Samadhi is an intriguing mystery to the aspiring yogi who usually mistakes it for a psychic state productive of such physical phenomena as loss of outer consciousness, being without breath or heartbeat, and suchlike. Consequently many practice drastic and strenuous methods, especially breath control, attempting to stop their breath and heartbeat. And they are usually frustrated in their attempts and feel that they are not really making progress. One of the first saints I met was truly an earthly angel who by a single look could awaken the spiritual consciousness of others. He spontaneously healed souls and bodies. Yet, because of the influence of a guru he had studied with in his early years of spiritual quest, he often lamented to others: “I have not really gotten anywhere. In all these years I have not experienced the breathless state even once. So I have not even begun to progress.” He was mistaking a physical condition for a spiritual one, as is common in both India and the West. So it is very important for us to understand what samadhi really is.
There are two stages of samadhi: savikalpa and nirvikalpa. Savikalpa samadhi is a state of conditioned oneness. The meditator experiences the merging of his soul with infinite consciousness; however, he cannot preserve the experience outside of meditation. Although savikalpa samadhi is the first break from delusion, in which the meditator realizes that God alone exists, the soul is still bound by ego-consciousness. Some souls who achieve this state may return to delusion if they hold onto the belief that “I” have access to infinite power.
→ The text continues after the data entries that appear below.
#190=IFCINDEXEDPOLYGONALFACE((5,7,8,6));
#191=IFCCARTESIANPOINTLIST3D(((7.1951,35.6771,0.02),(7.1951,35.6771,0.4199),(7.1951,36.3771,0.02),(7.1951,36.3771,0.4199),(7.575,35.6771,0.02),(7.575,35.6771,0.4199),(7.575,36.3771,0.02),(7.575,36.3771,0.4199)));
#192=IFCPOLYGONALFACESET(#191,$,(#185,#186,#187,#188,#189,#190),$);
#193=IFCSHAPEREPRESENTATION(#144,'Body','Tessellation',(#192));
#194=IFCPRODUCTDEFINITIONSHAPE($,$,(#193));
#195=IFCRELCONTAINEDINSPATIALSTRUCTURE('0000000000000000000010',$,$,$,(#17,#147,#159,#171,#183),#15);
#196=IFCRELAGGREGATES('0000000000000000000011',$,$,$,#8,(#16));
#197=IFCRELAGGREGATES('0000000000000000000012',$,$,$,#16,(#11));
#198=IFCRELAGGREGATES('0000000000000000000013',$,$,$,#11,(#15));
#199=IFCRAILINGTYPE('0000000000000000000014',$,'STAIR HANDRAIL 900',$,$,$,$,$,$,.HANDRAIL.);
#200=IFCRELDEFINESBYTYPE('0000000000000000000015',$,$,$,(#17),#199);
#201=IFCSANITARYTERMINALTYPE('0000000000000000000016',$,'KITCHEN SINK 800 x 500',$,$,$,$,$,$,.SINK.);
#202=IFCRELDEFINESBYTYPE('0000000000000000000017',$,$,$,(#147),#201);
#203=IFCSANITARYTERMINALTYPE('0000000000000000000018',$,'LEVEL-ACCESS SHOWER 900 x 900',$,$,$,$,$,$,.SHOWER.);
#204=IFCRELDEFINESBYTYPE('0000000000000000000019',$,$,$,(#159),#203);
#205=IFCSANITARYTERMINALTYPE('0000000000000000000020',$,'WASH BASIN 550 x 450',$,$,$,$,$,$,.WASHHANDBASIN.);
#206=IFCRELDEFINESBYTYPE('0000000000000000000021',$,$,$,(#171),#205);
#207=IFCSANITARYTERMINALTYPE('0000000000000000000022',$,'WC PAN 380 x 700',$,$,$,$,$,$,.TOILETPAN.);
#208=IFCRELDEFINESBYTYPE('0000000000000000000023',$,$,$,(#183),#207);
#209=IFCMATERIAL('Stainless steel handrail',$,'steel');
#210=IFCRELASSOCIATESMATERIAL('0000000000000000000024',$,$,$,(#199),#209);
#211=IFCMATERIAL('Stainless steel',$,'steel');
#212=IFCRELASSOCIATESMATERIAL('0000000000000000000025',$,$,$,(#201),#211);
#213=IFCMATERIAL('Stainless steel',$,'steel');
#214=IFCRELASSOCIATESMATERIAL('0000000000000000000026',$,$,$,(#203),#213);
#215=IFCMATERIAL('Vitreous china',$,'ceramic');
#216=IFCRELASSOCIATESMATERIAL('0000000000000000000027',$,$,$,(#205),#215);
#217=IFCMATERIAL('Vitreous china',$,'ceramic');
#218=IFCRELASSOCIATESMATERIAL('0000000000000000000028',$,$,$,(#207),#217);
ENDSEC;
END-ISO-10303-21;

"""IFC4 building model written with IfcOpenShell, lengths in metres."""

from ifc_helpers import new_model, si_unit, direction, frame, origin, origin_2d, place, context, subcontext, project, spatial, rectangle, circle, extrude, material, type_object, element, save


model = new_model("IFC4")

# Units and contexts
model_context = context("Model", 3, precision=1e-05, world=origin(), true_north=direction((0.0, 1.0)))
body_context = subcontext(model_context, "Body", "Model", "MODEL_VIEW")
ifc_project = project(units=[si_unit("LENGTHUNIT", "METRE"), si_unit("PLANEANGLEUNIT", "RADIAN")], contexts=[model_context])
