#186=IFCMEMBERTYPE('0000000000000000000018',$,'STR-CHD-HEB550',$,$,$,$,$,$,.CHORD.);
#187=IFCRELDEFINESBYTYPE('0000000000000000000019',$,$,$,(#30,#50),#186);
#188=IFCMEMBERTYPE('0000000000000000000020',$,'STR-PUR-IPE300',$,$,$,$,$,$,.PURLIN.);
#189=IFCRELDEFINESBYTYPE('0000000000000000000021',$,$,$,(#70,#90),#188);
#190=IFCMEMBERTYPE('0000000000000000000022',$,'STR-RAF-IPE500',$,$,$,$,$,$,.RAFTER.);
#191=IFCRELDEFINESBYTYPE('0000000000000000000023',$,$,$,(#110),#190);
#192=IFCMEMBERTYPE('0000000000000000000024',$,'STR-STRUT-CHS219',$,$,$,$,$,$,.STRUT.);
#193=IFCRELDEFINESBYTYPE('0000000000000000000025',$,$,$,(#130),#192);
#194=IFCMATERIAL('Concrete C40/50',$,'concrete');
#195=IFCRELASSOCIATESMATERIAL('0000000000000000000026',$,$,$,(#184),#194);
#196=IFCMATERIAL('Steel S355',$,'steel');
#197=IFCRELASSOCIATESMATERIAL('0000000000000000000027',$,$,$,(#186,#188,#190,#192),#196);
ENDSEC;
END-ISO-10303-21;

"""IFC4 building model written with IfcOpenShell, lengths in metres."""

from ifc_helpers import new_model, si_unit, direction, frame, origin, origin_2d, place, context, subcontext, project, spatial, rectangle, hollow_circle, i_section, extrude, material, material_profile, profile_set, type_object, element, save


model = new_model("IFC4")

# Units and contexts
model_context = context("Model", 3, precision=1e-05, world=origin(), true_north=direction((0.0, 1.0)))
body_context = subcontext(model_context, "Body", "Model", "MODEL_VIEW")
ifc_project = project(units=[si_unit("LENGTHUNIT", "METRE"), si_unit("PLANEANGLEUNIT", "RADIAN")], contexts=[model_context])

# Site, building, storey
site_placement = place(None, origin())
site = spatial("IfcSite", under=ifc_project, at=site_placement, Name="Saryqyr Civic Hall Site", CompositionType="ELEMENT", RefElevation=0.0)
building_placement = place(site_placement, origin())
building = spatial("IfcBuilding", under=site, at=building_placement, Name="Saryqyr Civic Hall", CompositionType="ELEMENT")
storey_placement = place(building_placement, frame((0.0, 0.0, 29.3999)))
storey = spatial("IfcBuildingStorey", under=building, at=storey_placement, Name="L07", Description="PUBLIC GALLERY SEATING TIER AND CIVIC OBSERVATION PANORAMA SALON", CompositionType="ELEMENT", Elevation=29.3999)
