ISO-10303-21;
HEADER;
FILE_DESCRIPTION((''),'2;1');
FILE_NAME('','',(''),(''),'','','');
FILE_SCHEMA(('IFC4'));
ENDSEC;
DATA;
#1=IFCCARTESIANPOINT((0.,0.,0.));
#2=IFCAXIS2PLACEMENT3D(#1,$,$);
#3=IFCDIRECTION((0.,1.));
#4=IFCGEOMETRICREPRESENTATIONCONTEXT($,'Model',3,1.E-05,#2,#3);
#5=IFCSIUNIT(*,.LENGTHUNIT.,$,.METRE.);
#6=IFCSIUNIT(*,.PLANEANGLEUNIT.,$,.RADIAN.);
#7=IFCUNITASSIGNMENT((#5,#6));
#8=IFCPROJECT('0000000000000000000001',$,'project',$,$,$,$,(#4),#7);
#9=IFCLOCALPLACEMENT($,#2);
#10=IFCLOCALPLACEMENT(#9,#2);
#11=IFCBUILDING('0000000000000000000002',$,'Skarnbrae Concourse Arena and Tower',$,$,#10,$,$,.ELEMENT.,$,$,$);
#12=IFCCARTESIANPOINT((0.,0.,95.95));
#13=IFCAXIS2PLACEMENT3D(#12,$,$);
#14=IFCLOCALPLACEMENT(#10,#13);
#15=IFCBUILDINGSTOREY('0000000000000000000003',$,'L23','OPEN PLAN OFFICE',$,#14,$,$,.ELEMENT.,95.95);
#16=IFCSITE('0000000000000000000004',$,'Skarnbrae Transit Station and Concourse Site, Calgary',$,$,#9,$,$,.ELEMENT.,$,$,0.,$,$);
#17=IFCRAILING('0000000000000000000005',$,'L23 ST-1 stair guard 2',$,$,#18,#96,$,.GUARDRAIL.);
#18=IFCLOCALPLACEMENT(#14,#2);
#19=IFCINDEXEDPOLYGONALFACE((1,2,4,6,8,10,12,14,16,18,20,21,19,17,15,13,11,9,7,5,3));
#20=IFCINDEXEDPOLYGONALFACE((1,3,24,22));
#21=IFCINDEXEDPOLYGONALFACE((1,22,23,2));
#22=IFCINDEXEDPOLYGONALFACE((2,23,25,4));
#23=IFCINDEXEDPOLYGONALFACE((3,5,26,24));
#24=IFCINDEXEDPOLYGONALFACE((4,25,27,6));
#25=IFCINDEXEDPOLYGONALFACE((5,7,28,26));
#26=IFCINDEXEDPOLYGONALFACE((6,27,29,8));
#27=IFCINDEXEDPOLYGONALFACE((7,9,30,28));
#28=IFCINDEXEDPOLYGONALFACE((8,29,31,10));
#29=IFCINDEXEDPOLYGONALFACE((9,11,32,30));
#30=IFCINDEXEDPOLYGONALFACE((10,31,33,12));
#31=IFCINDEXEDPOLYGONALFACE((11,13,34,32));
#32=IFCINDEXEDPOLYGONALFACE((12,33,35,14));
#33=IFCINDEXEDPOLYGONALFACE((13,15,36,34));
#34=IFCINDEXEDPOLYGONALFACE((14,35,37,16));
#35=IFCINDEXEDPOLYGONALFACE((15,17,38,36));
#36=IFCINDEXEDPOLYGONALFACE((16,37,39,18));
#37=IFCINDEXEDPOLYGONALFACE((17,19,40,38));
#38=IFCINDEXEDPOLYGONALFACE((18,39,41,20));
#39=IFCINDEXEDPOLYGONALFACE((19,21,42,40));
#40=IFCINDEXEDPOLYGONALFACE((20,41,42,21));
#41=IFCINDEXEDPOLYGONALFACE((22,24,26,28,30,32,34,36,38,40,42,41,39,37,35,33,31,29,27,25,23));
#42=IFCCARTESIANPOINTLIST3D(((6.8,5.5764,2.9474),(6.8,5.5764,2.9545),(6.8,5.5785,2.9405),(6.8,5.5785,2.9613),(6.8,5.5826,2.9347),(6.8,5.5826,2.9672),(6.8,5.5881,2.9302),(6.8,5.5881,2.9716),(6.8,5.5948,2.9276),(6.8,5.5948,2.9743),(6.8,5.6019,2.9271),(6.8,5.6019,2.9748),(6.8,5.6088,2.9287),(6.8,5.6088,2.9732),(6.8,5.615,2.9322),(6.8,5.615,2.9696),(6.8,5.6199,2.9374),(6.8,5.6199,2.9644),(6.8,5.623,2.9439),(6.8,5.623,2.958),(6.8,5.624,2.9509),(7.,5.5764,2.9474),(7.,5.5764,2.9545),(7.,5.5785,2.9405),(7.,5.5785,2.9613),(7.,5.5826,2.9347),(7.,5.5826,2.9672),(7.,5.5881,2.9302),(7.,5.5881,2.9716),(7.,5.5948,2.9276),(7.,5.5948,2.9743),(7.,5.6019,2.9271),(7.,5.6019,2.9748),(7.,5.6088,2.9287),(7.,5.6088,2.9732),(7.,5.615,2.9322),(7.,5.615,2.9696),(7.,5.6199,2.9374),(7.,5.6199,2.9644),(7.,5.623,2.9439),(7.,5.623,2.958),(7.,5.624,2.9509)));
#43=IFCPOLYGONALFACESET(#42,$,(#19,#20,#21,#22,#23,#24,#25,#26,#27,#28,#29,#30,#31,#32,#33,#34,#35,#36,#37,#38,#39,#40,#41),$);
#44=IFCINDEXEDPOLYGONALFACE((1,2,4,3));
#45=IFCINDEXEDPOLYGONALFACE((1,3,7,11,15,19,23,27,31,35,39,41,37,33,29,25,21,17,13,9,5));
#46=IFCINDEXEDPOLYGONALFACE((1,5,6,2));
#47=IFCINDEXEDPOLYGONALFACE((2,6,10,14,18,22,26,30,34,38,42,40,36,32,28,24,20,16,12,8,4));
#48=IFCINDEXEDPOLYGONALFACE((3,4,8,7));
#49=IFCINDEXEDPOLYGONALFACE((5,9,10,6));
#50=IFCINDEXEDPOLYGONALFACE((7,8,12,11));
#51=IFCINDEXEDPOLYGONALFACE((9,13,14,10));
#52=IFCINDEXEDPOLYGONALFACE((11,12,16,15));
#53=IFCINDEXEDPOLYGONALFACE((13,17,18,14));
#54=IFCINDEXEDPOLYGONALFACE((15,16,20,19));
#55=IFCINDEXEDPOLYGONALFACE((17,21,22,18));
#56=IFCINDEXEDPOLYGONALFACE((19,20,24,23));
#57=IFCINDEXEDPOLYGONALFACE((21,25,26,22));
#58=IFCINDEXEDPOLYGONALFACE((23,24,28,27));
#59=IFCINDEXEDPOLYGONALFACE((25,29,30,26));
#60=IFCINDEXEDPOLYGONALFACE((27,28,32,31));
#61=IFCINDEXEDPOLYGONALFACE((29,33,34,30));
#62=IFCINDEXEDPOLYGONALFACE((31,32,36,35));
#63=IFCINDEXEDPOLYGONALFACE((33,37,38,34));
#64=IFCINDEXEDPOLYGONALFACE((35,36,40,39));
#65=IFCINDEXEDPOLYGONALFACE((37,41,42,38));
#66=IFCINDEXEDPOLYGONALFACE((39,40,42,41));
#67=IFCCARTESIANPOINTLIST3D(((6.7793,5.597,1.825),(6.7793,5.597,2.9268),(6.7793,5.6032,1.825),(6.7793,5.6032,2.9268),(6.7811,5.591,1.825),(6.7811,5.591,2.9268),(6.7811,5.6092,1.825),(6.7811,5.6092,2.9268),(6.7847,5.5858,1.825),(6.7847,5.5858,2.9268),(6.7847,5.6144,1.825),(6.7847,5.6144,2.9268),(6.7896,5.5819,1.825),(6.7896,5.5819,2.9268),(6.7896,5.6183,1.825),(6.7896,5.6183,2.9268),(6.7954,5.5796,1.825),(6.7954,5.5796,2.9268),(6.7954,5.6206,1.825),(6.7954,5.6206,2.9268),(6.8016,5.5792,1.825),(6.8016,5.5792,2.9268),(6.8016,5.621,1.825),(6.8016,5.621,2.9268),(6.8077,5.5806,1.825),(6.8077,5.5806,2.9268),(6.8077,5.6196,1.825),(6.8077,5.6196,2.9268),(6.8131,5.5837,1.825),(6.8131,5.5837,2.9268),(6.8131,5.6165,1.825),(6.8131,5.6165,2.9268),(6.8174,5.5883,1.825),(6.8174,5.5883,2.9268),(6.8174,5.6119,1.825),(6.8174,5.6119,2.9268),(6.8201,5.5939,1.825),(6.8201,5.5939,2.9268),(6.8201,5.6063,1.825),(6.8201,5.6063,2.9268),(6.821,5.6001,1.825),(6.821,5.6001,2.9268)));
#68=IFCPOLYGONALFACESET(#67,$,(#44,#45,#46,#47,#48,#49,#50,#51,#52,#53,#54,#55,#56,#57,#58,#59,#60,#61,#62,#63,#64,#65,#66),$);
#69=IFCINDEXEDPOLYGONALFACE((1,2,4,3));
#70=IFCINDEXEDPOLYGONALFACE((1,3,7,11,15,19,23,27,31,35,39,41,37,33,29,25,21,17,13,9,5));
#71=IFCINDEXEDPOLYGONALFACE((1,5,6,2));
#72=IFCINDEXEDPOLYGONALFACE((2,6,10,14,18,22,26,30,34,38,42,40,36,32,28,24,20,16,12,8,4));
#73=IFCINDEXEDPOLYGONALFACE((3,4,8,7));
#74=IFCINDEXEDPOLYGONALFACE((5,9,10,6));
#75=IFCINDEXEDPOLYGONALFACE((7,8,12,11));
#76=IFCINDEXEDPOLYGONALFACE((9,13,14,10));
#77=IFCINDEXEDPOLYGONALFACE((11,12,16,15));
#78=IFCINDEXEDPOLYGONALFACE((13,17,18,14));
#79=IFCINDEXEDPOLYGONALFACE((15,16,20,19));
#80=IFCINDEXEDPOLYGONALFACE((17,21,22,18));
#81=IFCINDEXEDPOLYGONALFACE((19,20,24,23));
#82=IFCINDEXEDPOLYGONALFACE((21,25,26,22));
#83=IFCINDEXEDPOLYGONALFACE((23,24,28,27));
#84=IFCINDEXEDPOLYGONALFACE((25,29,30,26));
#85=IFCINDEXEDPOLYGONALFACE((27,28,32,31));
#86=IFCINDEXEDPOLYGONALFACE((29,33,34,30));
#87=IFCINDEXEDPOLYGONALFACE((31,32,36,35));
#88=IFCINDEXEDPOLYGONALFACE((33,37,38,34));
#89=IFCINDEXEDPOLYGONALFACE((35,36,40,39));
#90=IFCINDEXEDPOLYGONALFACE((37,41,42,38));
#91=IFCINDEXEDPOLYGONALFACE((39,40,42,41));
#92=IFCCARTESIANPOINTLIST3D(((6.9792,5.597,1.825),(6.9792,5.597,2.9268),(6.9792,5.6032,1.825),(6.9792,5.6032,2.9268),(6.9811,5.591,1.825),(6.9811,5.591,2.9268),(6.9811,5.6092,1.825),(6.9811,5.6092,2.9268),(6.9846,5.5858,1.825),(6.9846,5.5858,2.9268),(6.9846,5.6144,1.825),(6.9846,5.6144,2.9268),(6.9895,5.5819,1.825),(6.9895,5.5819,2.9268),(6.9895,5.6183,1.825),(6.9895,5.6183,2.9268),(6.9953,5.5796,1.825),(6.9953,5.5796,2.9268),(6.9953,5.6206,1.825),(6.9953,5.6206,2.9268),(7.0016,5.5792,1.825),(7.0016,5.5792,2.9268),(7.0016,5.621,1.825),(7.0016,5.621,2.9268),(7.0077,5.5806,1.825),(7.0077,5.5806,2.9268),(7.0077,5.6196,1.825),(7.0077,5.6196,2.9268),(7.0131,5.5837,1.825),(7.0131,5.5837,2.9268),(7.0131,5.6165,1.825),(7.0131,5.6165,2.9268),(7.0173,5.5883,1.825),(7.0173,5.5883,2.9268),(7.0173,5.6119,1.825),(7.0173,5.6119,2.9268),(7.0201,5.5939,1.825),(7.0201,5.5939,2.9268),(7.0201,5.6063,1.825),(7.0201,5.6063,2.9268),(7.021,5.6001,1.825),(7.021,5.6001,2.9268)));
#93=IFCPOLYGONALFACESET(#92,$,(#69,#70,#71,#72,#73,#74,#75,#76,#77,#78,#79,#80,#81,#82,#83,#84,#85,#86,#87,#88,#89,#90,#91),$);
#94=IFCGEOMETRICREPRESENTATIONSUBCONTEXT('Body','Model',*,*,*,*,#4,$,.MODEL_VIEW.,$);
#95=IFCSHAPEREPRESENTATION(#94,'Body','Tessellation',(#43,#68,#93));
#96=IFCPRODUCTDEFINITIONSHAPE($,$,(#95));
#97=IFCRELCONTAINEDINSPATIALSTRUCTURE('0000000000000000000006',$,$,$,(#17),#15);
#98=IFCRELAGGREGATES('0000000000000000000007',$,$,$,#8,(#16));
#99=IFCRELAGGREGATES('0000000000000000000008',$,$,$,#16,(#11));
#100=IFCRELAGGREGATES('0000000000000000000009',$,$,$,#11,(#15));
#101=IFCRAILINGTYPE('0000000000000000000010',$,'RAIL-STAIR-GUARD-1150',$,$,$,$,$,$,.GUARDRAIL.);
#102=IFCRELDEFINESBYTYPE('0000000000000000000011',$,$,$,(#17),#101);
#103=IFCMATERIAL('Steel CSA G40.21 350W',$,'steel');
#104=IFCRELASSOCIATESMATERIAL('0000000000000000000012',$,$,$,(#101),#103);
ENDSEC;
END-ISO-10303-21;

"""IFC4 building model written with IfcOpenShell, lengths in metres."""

from ifc_helpers import new_model, si_unit, direction, frame, origin, origin_2d, place, context, subcontext, project, spatial, circle, extrude, material, type_object, element, save


model = new_model("IFC4")

# Units and contexts
model_context = context("Model", 3, precision=1e-05, world=origin(), true_north=direction((0.0, 1.0)))
body_context = subcontext(model_context, "Body", "Model", "MODEL_VIEW")
ifc_project = project(units=[si_unit("LENGTHUNIT", "METRE"), si_unit("PLANEANGLEUNIT", "RADIAN")], contexts=[model_context])

# Site, building, storey
site_placement = place(None, origin())
site = spatial("IfcSite", under=ifc_project, at=site_placement, Name="Skarnbrae Transit Station and Concourse Site, Calgary", CompositionType="ELEMENT", RefElevation=0.0)
building_placement = place(site_placement, origin())
building = spatial("IfcBuilding", under=site, at=building_placement, Name="Skarnbrae Concourse Arena and Tower", CompositionType="ELEMENT")
storey_placement = place(building_placement, frame((0.0, 0.0, 95.95)))
storey = spatial("IfcBuildingStorey", under=building, at=storey_placement, Name="L23", Description="OPEN PLAN OFFICE", CompositionType="ELEMENT", Elevation=95.95)

# Railing
ifc_material_1 = material(Name="Steel CSA G40.21 350W", Category="steel")
railing_type_1 = type_object("IfcRailingType", Name="RAIL-STAIR-GUARD-1150", PredefinedType="GUARDRAIL", material=ifc_material_1)
railing_1_placement = place(storey_placement, frame((6.8, 5.6001, 1.825)))
element("IfcRailing", 1, at=railing_1_placement, inside=storey, type_object=railing_type_1, Name="L23 ST-1 stair guard 2", PredefinedType="GUARDRAIL", context=body_context, shape_type="SweptSolid", body=[
    extrude(circle(Radius=0.0239, at=origin_2d()), frame((0.0, 0.0, 1.126), z_axis=(1.0, 0.0, 0.0), x_axis=(0.0, 1.0, 0.0)), (0.0, 0.0, 1.0), 0.2),
    extrude(circle(Radius=0.021, at=origin_2d()), origin(), (0.0, 0.0, 1.0), 1.1018),
    extrude(circle(Radius=0.021, at=origin_2d()), frame((0.2, 0.0, 0.0)), (0.0, 0.0, 1.0), 1.1018),
])

save(model, "model.ifc")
Beyond savikalpa samadhi, nirvikalpa samadhi is the state of unconditioned oneness. The soul rises above all ego bondages and realizes that it is eternally one with God; it becomes a jivan mukta. Nevertheless, in order to achieve full liberation from ego-involvements, it must work through the memories of its ego attachments in the world. While working or speaking, for instance, the soul maintains its divine consciousness without any chance of returning to delusion.
There are different kinds of samadhi depending on the object of meditation; for instance, AUM samadhi is the state experienced when one merges with God through the cosmic sound AUM.
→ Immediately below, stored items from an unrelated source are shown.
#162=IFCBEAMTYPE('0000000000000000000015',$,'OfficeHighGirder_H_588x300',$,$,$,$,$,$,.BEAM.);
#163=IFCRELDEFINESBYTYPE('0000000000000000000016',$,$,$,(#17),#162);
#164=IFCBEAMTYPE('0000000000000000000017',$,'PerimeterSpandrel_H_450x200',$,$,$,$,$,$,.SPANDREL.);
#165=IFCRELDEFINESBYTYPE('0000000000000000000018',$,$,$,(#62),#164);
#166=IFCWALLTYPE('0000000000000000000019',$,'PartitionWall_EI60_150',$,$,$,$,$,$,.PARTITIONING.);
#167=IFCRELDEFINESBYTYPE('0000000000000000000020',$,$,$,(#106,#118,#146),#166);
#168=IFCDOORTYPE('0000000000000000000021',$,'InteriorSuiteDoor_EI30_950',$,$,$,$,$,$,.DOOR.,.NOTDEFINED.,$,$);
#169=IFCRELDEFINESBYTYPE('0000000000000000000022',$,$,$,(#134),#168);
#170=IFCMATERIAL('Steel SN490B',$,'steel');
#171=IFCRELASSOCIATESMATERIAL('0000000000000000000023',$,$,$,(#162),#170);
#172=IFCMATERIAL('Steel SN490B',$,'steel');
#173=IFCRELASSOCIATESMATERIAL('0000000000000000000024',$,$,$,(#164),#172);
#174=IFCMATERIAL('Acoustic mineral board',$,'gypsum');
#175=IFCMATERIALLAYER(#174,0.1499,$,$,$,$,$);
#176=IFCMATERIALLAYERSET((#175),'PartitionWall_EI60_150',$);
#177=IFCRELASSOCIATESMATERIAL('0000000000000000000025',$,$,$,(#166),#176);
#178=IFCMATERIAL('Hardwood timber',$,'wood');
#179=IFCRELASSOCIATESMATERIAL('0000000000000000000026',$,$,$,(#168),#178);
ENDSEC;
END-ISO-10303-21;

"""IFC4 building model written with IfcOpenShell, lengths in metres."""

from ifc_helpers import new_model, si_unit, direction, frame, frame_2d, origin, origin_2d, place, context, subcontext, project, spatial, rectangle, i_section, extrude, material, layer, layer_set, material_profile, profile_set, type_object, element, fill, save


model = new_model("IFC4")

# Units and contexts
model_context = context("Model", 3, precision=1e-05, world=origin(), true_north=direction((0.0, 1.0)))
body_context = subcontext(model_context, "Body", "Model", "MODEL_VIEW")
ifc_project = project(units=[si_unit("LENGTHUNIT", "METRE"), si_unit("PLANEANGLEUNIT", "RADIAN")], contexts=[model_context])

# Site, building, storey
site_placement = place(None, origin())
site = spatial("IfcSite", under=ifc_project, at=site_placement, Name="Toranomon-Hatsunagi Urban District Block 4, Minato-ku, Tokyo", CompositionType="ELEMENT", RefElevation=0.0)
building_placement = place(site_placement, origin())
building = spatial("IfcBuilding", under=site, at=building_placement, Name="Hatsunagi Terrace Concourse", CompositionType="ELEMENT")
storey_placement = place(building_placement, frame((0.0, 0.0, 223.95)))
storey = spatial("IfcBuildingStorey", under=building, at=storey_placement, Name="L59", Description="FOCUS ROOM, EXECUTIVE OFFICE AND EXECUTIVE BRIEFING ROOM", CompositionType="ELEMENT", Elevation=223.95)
Samadhi is the state of consciousness in which oneness with the object of concentration or meditation is experienced. In meditation it is the experience of oneness with the individual spirit (purusha) or the Supreme Spirit (Param Purusha). Swami Sivananda, in the Yoga Vedanta Dictionary, says: “Here the mind becomes identified with the object of meditation; the meditator and the meditated, thinker and thought become one in perfect absorption of the mind.” From this we can see that samadhi is exclusively a state of awareness. Physical phenomena simply do not come into it, although certain conditions of the body may result as a side effect–especially in the case of beginners or those whose body and nervous system are not fully purified (refined) or controlled and so become overwhelmed and manifest various abnormal conditions. Because they are so dramatic, the states of breathlessness, absence of heartbeat, immobility or levitation are usually thought of in the West as being samadhi. As just stated, such states may accompany samadhi, but they are neither samadhi nor requisites or proofs of samadhi. “The fact of a person being in real samadhi is determined solely by the condition of his mind and not at all by the inertness of the physical body,” asserts I.K. Taimni.
“It may be noted in this connection that Samadhi, which is the most concentrated state of the empirical consciousness, a state in which ail differences apparently vanish, may be attained in every plane of the consciousness, specially in each of the chakras mentioned by the enlightened yogis. But the results of the Samadhi in the different planes, in the different chakras, are not the same. The samadhi-state of the consciousness may superficially appear to be similar in every case; but the realizations depend upon the nature of the planes and the nature of the objects or ideals upon which the mind is concentrated. Samadhi in every plane and upon every object of meditation does not lead to spiritual illumination. The psycho-vital energy has to be purified and refined and raised to higher and higher planes for higher and higher orders of spiritual experience; perfect illumination is attainable in the highest plane–in the highest chakra.”